Benchmarking#
The primary simulation entry point is benchmark.py. It loads a scene file,
constructs SAP runtime data, creates a collision pipeline, and steps
SolverSAP for a fixed duration.
Quick Run#
Run the default G1 USD scene. The scene file defaults to 1024 worlds, so the small smoke-test form overrides the world count and frame count:
uv run python benchmark.py --frames 2 --num-worlds 1
Run a specific YAML scene:
uv run python benchmark.py \
--scene assets/yaml/unitree_h1_usd.yaml \
--duration 1.0 \
--device cuda:0
Useful Runtime Flags#
--sceneYAML or JSON scene file. Defaults to
assets/yaml/unitree_g1_usd.yaml.--durationSimulated time in seconds.
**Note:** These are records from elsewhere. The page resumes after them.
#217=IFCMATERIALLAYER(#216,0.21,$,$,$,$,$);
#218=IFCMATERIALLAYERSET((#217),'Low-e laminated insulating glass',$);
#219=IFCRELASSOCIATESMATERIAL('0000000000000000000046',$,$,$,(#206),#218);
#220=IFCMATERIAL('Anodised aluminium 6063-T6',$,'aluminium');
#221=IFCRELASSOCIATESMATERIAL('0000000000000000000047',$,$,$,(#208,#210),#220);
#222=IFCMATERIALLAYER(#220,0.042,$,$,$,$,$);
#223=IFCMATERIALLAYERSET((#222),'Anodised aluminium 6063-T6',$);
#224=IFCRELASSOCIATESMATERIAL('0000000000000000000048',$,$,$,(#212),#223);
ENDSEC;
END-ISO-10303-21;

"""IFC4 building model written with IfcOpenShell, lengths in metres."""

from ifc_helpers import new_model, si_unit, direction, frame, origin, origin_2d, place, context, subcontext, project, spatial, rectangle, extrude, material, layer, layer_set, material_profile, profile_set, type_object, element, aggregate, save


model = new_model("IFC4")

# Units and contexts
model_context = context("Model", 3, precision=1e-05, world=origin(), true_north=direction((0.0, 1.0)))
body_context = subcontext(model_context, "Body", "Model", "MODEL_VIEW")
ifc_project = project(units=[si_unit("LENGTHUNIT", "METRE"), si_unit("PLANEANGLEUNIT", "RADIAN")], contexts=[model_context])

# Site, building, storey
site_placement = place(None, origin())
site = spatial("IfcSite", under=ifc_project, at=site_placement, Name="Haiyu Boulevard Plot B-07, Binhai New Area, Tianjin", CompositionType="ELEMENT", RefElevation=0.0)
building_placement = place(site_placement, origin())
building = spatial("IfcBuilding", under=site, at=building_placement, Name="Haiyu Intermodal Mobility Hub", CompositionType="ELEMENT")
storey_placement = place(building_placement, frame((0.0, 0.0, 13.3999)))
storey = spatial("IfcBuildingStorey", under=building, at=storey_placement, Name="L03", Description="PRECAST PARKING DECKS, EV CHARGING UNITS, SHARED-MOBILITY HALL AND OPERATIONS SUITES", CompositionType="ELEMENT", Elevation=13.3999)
Ignored when
--framesis supplied.--framesExact number of solver steps. This is useful for smoke tests because it avoids reasoning about
ceil(duration / dt).--dtTimestep. Defaults to
simulation.dtin the scene file, then0.003.--num-worldsNumber of replicated worlds. Defaults to
simulation.num_worlds.--deviceWarp device string, for example
cpuorcuda:0.
Benchmark Output#
During the loop, benchmark.py prints:
frame 1 sim_time 0.003
frame 2 sim_time 0.006
The final summary contains:
sceneResolved scene path.
deviceWarp device used for allocation and kernels.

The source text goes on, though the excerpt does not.